International Journal of Geosciences
Vol.08 No.10(2017), Article ID:79856,6 pages
10.4236/ijg.2017.810070

Ion Exclusion at the Ice-Water Interface Differs from That at the Hydrate-Water Interface: Consequences for Methane Hydrate Exploration

P. W. Wilson1,2*, A. D. J. Haymet2

1Institute for Marine and Antarctic Science, University of Tasmania, Hobart, Australia

2Scripps Institution of Oceanography, University of California, San Diego, USA

Copyright © 2017 by authors and Scientific Research Publishing Inc.

This work is licensed under the Creative Commons Attribution International License (CC BY 4.0).

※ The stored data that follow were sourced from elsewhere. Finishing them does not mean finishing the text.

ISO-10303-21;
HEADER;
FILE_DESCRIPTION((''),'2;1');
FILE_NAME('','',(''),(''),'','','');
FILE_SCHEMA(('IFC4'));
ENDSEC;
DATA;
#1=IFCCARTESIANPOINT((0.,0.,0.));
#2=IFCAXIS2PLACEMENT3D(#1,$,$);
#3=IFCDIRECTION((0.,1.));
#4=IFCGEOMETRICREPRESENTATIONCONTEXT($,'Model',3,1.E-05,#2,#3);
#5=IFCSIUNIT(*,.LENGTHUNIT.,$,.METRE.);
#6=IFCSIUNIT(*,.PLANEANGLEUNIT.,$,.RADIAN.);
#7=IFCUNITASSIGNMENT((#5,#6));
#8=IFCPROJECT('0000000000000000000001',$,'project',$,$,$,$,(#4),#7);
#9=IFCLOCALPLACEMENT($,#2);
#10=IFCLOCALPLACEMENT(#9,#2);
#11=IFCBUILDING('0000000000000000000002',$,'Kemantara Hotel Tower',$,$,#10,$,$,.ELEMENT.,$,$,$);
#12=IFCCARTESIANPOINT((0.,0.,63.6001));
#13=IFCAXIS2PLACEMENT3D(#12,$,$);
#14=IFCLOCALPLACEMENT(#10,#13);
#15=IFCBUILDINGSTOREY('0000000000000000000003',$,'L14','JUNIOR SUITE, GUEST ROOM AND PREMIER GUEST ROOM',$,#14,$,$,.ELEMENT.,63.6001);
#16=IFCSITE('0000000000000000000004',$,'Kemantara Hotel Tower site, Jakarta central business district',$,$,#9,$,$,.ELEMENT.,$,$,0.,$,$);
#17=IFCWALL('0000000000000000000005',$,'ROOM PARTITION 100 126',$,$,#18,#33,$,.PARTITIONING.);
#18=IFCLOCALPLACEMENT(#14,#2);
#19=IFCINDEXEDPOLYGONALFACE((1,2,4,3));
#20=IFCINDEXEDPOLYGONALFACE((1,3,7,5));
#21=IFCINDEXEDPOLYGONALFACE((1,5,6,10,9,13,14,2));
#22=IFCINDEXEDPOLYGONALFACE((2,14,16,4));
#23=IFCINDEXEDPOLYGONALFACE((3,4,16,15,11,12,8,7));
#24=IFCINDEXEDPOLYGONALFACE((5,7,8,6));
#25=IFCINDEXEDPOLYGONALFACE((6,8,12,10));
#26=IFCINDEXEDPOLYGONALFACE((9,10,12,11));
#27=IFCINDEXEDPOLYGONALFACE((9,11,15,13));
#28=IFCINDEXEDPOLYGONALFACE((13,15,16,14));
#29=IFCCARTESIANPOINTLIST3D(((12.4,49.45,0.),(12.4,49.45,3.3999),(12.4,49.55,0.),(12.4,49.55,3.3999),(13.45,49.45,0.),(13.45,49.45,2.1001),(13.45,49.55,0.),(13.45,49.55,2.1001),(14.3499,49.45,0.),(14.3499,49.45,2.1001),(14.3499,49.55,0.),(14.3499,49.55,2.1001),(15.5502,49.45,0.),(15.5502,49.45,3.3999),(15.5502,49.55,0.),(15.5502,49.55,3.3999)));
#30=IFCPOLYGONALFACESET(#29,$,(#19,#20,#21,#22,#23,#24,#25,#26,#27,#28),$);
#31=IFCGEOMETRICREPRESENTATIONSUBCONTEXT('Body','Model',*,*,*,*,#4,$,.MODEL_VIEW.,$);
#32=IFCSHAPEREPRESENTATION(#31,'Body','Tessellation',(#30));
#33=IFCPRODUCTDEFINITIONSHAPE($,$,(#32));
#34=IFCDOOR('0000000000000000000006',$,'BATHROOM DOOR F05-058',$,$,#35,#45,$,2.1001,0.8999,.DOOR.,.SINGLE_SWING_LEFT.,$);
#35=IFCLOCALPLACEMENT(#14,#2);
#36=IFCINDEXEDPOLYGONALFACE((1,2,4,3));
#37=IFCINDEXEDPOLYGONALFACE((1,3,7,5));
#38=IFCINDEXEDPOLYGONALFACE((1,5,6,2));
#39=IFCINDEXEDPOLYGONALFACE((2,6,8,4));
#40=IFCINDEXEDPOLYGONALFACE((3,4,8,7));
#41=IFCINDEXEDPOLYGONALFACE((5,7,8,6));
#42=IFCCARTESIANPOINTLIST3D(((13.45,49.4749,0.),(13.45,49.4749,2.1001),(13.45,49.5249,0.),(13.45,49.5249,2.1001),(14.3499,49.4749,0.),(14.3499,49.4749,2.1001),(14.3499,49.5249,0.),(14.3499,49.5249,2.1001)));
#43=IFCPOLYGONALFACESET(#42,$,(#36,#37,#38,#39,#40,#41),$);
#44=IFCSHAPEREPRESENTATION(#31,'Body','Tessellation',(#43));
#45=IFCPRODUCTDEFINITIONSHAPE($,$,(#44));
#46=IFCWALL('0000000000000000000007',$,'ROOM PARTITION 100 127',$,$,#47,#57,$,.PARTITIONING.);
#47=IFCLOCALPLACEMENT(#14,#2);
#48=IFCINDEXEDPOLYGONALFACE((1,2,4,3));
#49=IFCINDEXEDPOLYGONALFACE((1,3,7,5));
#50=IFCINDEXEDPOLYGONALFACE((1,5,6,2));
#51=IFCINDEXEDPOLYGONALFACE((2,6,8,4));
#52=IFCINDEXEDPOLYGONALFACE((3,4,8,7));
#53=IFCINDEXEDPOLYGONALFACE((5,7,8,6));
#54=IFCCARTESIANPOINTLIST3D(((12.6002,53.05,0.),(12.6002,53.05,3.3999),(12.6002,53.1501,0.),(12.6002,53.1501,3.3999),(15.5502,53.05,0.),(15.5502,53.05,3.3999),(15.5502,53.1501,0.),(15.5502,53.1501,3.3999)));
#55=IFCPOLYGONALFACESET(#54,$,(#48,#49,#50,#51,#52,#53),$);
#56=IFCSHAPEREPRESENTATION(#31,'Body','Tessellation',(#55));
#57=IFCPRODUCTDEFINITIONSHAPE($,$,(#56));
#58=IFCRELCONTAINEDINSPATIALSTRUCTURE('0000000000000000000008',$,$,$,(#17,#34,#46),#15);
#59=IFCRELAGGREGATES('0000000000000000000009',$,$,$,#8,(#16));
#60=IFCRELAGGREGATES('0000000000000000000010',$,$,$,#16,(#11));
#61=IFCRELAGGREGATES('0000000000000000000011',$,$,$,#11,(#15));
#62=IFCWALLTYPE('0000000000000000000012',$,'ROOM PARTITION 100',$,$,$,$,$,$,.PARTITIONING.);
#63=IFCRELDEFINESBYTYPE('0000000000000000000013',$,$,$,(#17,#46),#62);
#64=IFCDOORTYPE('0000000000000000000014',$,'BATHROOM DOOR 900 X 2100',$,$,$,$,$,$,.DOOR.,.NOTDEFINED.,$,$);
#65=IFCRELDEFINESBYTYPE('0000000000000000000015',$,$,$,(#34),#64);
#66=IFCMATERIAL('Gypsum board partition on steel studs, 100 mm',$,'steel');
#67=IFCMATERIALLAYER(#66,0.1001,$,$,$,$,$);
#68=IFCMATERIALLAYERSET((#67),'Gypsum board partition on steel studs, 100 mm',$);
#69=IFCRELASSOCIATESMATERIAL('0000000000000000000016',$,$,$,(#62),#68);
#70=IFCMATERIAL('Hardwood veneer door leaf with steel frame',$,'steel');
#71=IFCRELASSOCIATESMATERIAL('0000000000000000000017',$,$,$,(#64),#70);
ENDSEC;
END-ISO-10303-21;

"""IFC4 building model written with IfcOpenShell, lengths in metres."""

from ifc_helpers import new_model, si_unit, direction, frame, frame_2d, origin, place, context, subcontext, project, spatial, rectangle, extrude, material, layer, layer_set, type_object, element, fill, save


model = new_model("IFC4")

# Units and contexts
model_context = context("Model", 3, precision=1e-05, world=origin(), true_north=direction((0.0, 1.0)))
body_context = subcontext(model_context, "Body", "Model", "MODEL_VIEW")
ifc_project = project(units=[si_unit("LENGTHUNIT", "METRE"), si_unit("PLANEANGLEUNIT", "RADIAN")], contexts=[model_context])

# Site, building, storey
site_placement = place(None, origin())
site = spatial("IfcSite", under=ifc_project, at=site_placement, Name="Kemantara Hotel Tower site, Jakarta central business district", CompositionType="ELEMENT", RefElevation=0.0)
building_placement = place(site_placement, origin())
building = spatial("IfcBuilding", under=site, at=building_placement, Name="Kemantara Hotel Tower", CompositionType="ELEMENT")
storey_placement = place(building_placement, frame((0.0, 0.0, 63.6001)))
storey = spatial("IfcBuildingStorey", under=building, at=storey_placement, Name="L14", Description="JUNIOR SUITE, GUEST ROOM AND PREMIER GUEST ROOM", CompositionType="ELEMENT", Elevation=63.6001)

# Shared definitions
ifc_material_1 = material(Name="Hardwood veneer door leaf with steel frame", Category="steel")

# Shared definitions
ifc_material_2 = material(Name="Gypsum board partition on steel studs, 100 mm", Category="steel")
ifc_layer_1 = layer(ifc_material_2, 0.1001)
ifc_layer_set_1 = layer_set([ifc_layer_1], Name="Gypsum board partition on steel studs, 100 mm")
wall_type_1 = type_object("IfcWallType", Name="ROOM PARTITION 100", PredefinedType="PARTITIONING", material=ifc_layer_set_1)

# Wall, opening, door
wall_1_placement = place(storey_placement, frame((12.3999, 49.5, 0.0), z_axis=(0.0, 0.0, 1.0), x_axis=(1.0, 0.0, 0.0)))
wall_1 = element("IfcWall", 1, at=wall_1_placement, inside=storey, type_object=wall_type_1, Name="ROOM PARTITION 100 126", PredefinedType="PARTITIONING", context=body_context, shape_type="SweptSolid", body=[
    extrude(rectangle(XDim=3.1501, YDim=0.1001, at=frame_2d((1.5752, 0.0))), origin(), (0.0, 0.0, 1.0), 3.3999),
])
opening_1_placement = place(wall_1_placement, frame((1.05, 0.0, 0.0)))
opening_1 = element("IfcOpeningElement", 2, at=opening_1_placement, cuts=wall_1, PredefinedType="OPENING", context=body_context, shape_type="SweptSolid", body=[
    extrude(rectangle(XDim=0.8999, YDim=2.1001, at=frame_2d((0.45, 1.05))), frame((0.0, 0.0601, 0.0), z_axis=(0.0, -1.0, 0.0), x_axis=(1.0, 0.0, 0.0)), (0.0, 0.0, 1.0), 0.1201),
])
door_type_1 = type_object("IfcDoorType", Name="BATHROOM DOOR 900 X 2100", OperationType="NOTDEFINED", PredefinedType="DOOR", material=ifc_material_1)
door_1_placement = place(opening_1_placement, origin())
door_1 = element("IfcDoor", 3, at=door_1_placement, inside=storey, type_object=door_type_1, Name="BATHROOM DOOR F05-058", OperationType="SINGLE_SWING_LEFT", OverallHeight=2.1001, OverallWidth=0.8999, PredefinedType="DOOR", context=body_context, shape_type="SweptSolid", body=[
    extrude(rectangle(XDim=0.8999, YDim=2.1001, at=frame_2d((0.45, 1.05))), frame((0.0, 0.0249, 0.0), z_axis=(0.0, -1.0, 0.0), x_axis=(1.0, 0.0, 0.0)), (0.0, 0.0, 1.0), 0.05),
])
fill(opening_1, door_1)

# Wall
wall_2_placement = place(storey_placement, frame((12.6001, 53.1001, 0.0), z_axis=(0.0, 0.0, 1.0), x_axis=(1.0, 0.0, 0.0)))
element("IfcWall", 4, at=wall_2_placement, inside=storey, type_object=wall_type_1, Name="ROOM PARTITION 100 127", PredefinedType="PARTITIONING", context=body_context, shape_type="SweptSolid", body=[
    extrude(rectangle(XDim=2.95, YDim=0.1001, at=frame_2d((1.4751, 0.0))), origin(), (0.0, 0.0, 1.0), 3.3999),
])

save(model, "model.ifc")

http://creativecommons.org/licenses/by/4.0/

Received: August 25, 2017; Accepted: October 23, 2017; Published: October 26, 2017

ABSTRACT

When water-ice grows into salt solutions ion species are excluded by the ice differentially due to non-identical solubility in the ice lattice. This causes an electrical potential across the interface during the ice growth process, initially named the Workman Reynolds Freezing Potential, and may be one of the causes for lightning. However, by measuring the voltage between the ice and water, we have found that when tetrahydrofuran hydrate crystals are grown into salt solutions all ion species are excluded equally and the potential does not manifest. When considered together, this marked difference in ion exclusion scenarios may have ramifications for hydrate exploration because of the chlorine anomaly, which is often used as an indicator of the presence of hydrate reserves.

Keywords:

Tetrahydrofuran Hydrate, Ion Exclusion, Chlorine Anomaly, Ice, Exploration

1. Introduction

It is estimated that about 90% of natural gas hydrate on Earth is methane hydrate, with potential quantities well above the level of carbon stored as fossil fuel. In some permafrost regions water-ice might also be expected to exist alongside, or perhaps not far above, the hydrates [1] . During hydrate explorations pore-water chlorine anomalies are often used to estimate gas hydrate volumes, with non-standard levels of Cl taken as an indicator of the presence of gas hydrates under the sea floor [2] [3] . The rationale for using Cl is based on the exclusion of salt from the hydrate crystal lattice during hydrate formation in the sediment and the respective fresh water release when decomposition is initiated during recovery. That is, the fresh water released has less Cl than would be found in normal sea water for that region. The connection between shallow water hydrates, where water-ice may also form in very cold regions of Earth and this chlorine anomaly is in need of further investigation, as we outline below.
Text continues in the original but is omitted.